This post has nothing whatsoever to do with Autodesk software: I just thought some of you might be interested in an old project I worked on during my University studies. I've already mentioned the project briefly in a couple of previous posts.
So, after dusting off the 3.5 floppies I found in the attic, and working out how to extract the code from the gzipped tarballs they contained (thankfully WinZIP took care of that), I started the work to port the code from Miranda to F#. Miranda is still available for many OS platforms, although it has apparently largely been succeeded by the open, committee-defined (originally, at least) functional language, Haskell. But the main point of this exercise was not as much to get the code working as it was for me to become familiar with the F# syntax, and what adjustments might be needed to my thinking for me to code with it.
Before I summarise the lessons learned from the porting exercise, a few words on the original project: I worked on this during 1994-5, with my project partner, Barry Kiernan, supervised by Dr. Steve Hill, from the University of Kent at Canterbury (UKC) Computing Laboratory. I've unfortunately lost contact with both Barry and Steve, so if either of you are reading this, please get in touch!
We adopted Miranda, as this was the functional programming language being taught at UKC at the time. I'm fairly sure that the original code would work with very little modification in Haskell, though, as Miranda is a simpler language and the two appear to have a similar syntax.
The project was to model the behaviour of a Motorola 6800 processor: a simple yet popular, 8-bit processor from the 1970s. The intent behind the project was to validate the use of purely functional programming languages when modelling hardware systems such as micro-processors. What was very interesting was our ability to adjust the level of abstraction: our first implementation used integers to hold op-codes, memory values, register contents, etc., but we later refined it to deal with individual bits of data, moving them around using buses. We also implemented an assembler using Miranda, which was both fun and helpful for testing. That's another strength of functional programming, generally: it is well-suited to language-oriented programming.
I have to admit many specifics of the project are now somewhat vague to me, but I was still able to migrate the code with relatively little effort: despite the fact we're talking about nearly 2,800 lines of source (including comments), it took me several hours, rather than days. I should also point out that I'm certain I haven't used F#'s capabilities optimally - I still consider myself to be a learner when it comes to F# - but I expect I'll come back to the code a tweak it, once in a while.
Here are some notes regarding the migration process:
- F#'s type inference was great: rather than having to define algebraic types for the various functions, these were inferred 100% correctly. The few times I added type information to force the system to understand what I'd done, it turned out to be a logic error I needed to fix.
- F# Interactive was very helpful, although when I first started out with the migration I didn't really use it (I've only since realised how useful a feature it is). I've now come to love the ease with which you can load and test F# code fragments within Visual Studio using F# Interactive.
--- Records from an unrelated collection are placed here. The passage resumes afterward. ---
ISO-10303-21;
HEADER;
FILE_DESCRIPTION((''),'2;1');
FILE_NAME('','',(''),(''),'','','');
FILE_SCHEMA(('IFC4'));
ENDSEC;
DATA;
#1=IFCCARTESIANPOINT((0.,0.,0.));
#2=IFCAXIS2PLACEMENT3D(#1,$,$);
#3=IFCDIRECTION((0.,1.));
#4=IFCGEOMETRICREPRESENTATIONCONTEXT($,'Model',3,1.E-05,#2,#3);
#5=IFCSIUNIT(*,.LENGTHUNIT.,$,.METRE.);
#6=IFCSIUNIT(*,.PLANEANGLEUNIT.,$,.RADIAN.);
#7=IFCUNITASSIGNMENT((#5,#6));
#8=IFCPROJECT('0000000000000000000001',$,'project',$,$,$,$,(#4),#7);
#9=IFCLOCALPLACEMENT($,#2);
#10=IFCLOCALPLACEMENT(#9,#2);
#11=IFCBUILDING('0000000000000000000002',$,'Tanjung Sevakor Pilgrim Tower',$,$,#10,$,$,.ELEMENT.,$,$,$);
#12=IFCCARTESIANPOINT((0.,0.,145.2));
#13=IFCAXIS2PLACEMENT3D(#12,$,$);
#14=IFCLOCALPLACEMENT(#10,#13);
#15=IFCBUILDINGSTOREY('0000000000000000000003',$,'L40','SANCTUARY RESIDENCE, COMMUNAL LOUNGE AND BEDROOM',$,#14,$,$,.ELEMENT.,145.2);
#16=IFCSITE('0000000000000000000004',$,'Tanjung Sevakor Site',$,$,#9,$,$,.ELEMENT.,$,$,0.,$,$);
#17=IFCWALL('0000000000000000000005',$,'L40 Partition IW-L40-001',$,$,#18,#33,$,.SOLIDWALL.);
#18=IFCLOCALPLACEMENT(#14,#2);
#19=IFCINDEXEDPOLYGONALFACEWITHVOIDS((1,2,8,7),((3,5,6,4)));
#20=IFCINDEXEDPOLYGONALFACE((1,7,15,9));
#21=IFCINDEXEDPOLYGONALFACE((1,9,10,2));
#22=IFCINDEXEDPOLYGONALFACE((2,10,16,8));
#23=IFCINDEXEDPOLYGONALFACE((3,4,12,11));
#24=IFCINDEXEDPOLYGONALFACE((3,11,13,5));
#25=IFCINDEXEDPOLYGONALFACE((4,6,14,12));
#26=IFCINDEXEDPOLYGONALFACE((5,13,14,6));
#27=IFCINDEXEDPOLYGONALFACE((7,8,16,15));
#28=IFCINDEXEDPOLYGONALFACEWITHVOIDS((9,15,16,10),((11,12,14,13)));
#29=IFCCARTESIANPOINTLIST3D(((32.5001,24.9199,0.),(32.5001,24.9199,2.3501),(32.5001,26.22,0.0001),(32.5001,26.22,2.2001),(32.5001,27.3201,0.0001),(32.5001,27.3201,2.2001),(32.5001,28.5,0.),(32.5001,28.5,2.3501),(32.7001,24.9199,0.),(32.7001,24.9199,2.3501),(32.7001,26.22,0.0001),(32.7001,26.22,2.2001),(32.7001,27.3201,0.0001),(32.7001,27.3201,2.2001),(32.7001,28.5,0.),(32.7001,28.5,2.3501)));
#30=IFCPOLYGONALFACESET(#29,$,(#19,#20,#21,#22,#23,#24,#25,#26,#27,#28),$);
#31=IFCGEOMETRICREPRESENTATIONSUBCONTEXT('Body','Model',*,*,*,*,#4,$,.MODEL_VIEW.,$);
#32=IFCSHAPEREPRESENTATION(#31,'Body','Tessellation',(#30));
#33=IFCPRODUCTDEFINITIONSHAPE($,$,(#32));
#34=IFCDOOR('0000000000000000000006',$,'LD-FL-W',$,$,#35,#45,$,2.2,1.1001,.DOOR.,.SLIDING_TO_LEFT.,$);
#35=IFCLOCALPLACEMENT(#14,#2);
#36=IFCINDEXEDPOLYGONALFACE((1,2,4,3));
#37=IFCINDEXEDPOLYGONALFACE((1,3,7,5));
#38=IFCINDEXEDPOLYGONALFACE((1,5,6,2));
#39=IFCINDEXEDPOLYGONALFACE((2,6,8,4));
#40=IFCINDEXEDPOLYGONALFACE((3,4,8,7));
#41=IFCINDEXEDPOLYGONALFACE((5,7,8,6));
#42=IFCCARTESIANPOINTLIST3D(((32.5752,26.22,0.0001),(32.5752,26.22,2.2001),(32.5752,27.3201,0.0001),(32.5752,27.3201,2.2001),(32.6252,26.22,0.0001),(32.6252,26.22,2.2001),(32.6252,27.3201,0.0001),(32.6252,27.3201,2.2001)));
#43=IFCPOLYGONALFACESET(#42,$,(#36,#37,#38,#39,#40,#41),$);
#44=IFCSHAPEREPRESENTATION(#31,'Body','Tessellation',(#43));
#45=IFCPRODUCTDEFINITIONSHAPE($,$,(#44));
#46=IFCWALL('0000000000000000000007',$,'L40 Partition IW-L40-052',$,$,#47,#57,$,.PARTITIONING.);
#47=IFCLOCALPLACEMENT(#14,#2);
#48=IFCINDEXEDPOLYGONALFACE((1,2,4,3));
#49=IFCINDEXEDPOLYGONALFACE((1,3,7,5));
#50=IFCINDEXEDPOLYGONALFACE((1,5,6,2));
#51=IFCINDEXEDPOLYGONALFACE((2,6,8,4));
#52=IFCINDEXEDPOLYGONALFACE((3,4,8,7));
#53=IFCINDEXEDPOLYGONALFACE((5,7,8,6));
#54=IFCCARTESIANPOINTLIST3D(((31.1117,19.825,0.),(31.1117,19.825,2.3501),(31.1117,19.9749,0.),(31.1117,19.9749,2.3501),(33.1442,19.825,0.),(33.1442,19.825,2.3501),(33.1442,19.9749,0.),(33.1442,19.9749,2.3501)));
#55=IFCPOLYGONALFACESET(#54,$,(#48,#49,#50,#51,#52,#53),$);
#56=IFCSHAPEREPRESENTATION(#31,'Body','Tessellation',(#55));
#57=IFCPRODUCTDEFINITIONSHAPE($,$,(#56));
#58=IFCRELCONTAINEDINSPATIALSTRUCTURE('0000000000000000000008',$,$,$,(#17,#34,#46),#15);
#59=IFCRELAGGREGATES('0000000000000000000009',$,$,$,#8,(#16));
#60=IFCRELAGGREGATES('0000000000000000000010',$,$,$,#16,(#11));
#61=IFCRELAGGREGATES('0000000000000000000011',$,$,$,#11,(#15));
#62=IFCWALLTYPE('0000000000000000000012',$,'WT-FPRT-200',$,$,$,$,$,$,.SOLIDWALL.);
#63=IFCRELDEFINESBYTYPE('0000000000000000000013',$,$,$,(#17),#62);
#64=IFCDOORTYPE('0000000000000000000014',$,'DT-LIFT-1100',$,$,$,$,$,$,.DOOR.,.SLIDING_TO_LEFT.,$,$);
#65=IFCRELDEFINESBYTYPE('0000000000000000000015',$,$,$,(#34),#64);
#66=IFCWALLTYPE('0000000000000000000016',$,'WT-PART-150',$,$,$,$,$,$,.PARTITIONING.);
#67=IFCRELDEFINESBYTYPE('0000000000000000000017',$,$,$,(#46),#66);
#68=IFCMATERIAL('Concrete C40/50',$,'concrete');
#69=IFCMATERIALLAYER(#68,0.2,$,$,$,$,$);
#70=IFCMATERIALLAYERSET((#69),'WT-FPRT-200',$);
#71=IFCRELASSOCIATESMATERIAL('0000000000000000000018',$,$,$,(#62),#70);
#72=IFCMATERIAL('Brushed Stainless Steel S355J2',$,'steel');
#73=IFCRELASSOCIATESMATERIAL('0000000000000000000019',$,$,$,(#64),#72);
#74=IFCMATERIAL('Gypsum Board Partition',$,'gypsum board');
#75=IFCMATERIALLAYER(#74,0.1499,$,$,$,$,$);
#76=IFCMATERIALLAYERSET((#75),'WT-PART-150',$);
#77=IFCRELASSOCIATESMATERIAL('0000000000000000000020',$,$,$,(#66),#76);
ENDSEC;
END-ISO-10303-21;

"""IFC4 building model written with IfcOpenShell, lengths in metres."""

from ifc_helpers import new_model, si_unit, direction, frame, frame_2d, origin, place, context, subcontext, project, spatial, rectangle, extrude, material, layer, layer_set, type_object, element, fill, save


model = new_model("IFC4")

# Units and contexts
model_context = context("Model", 3, precision=1e-05, world=origin(), true_north=direction((0.0, 1.0)))
body_context = subcontext(model_context, "Body", "Model", "MODEL_VIEW")
ifc_project = project(units=[si_unit("LENGTHUNIT", "METRE"), si_unit("PLANEANGLEUNIT", "RADIAN")], contexts=[model_context])

# Site, building, storey
site_placement = place(None, origin())
site = spatial("IfcSite", under=ifc_project, at=site_placement, Name="Tanjung Sevakor Site", CompositionType="ELEMENT", RefElevation=0.0)
building_placement = place(site_placement, origin())
building = spatial("IfcBuilding", under=site, at=building_placement, Name="Tanjung Sevakor Pilgrim Tower", CompositionType="ELEMENT")
storey_placement = place(building_placement, frame((0.0, 0.0, 145.2)))
storey = spatial("IfcBuildingStorey", under=building, at=storey_placement, Name="L40", Description="SANCTUARY RESIDENCE, COMMUNAL LOUNGE AND BEDROOM", CompositionType="ELEMENT", Elevation=145.2)

# Wall, opening, door
ifc_material_1 = material(Name="Concrete C40/50", Category="concrete")
ifc_layer_1 = layer(ifc_material_1, 0.2)
ifc_layer_set_1 = layer_set([ifc_layer_1], Name="WT-FPRT-200")
wall_type_1 = type_object("IfcWallType", Name="WT-FPRT-200", PredefinedType="SOLIDWALL", material=ifc_layer_set_1)
wall_1_placement = place(storey_placement, frame((32.6001, 24.9199, 0.0), z_axis=(0.0, 0.0, 1.0), x_axis=(0.0, 1.0, 0.0)))
wall_1 = element("IfcWall", 1, at=wall_1_placement, inside=storey, type_object=wall_type_1, Name="L40 Partition IW-L40-001", PredefinedType="SOLIDWALL", context=body_context, shape_type="SweptSolid", body=[
    extrude(rectangle(XDim=3.5801, YDim=0.2, at=frame_2d((1.79, 0.0))), origin(), (0.0, 0.0, 1.0), 2.3501),
])
opening_1_placement = place(wall_1_placement, frame((1.3, 0.0, 0.0)))
opening_1 = element("IfcOpeningElement", 2, at=opening_1_placement, cuts=wall_1, PredefinedType="OPENING", context=body_context, shape_type="SweptSolid", body=[
    extrude(rectangle(XDim=1.1001, YDim=2.2, at=frame_2d((0.55, 1.1001))), frame((0.0, 0.1099, 0.0), z_axis=(0.0, -1.0, 0.0), x_axis=(1.0, 0.0, 0.0)), (0.0, 0.0, 1.0), 0.22),
])
ifc_material_2 = material(Name="Brushed Stainless Steel S355J2", Category="steel")
door_type_1 = type_object("IfcDoorType", Name="DT-LIFT-1100", OperationType="SLIDING_TO_LEFT", PredefinedType="DOOR", material=ifc_material_2)
door_1_placement = place(opening_1_placement, origin())
door_1 = element("IfcDoor", 3, at=door_1_placement, inside=storey, type_object=door_type_1, Name="LD-FL-W", OperationType="SLIDING_TO_LEFT", OverallHeight=2.2, OverallWidth=1.1001, PredefinedType="DOOR", context=body_context, shape_type="SweptSolid", body=[
    extrude(rectangle(XDim=1.1001, YDim=2.2, at=frame_2d((0.55, 1.1001))), frame((0.0, 0.0249, 0.0), z_axis=(0.0, -1.0, 0.0), x_axis=(1.0, 0.0, 0.0)), (0.0, 0.0, 1.0), 0.05),
])
fill(opening_1, door_1)

# Wall
ifc_material_3 = material(Name="Gypsum Board Partition", Category="gypsum board")
ifc_layer_2 = layer(ifc_material_3, 0.1499)
ifc_layer_set_2 = layer_set([ifc_layer_2], Name="WT-PART-150")
wall_type_2 = type_object("IfcWallType", Name="WT-PART-150", PredefinedType="PARTITIONING", material=ifc_layer_set_2)
wall_2_placement = place(storey_placement, frame((31.1118, 19.8999, 0.0), z_axis=(0.0, 0.0, 1.0), x_axis=(1.0, 0.0, 0.0)))
element("IfcWall", 4, at=wall_2_placement, inside=storey, type_object=wall_type_2, Name="L40 Partition IW-L40-052", PredefinedType="PARTITIONING", context=body_context, shape_type="SweptSolid", body=[
    extrude(rectangle(XDim=2.0325, YDim=0.1499, at=frame_2d((1.0161, 0.0))), origin(), (0.0, 0.0, 1.0), 2.3501),
])

save(model, "model.ifc")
- For now I've created one monolithic source file. In time I'll probably split this into separate files, but for now this was the simplest way to proceed.
The only big change needed to the code was to remove the use of multiple signatures to define a function's behaviour. With Miranda and Haskell it's standard practice to pattern match at the function signature level. For instance, here's the implementation of a function that performs a "two's complement negate" operation on a list of binary digits:
neg1 :: [num] -> (bool, [num])
neg1 [] = (False, [])
neg1 (1:t)
= (True, (0:comt)) , if inv
= (True, (1:comt)) , otherwise
where
(inv, comt) = neg1 t
neg1 (0:t)
= (True, (1:comt)) , if inv
= (False, (0:comt)) , otherwise
where
(inv, comt) = neg1 t
In F# the pattern matching is performed within the function:
let rec neg1 lst =
match lst with
| [] -> (false, [])
| 1 :: t ->
let (inv, comt) = neg1 t
if inv then
(true, 0::comt)
else
(true, 1::comt)
| 0 :: t ->
let (inv, comt) = neg1 t
if inv then
(true, 1::comt)
else
(false, 0::comt)
| _ -> failwith "neg1 problem!"
These changes were not especially hard to implement, but it did take some time for me to get used to the difference in approach. Note also the final wildcard match ('_') needed to prevent F# from warning me of an incomplete pattern match: this is presumably because the type included in the list was not officially constrained to be binary (0 or 1).
Alright - thanks for bearing with me... here's the F# source file, in case you're still interested. The simplest way to see it in action is to open the file inside Visual Studio (with F# installed, of course), select its entire contents and hit Alt-Enter. This will load it into F# Interactive, at which point you should see some automated test results displayed and be able to run the test assembly language program by typing the following line into the F# Interactive window:
run mult;;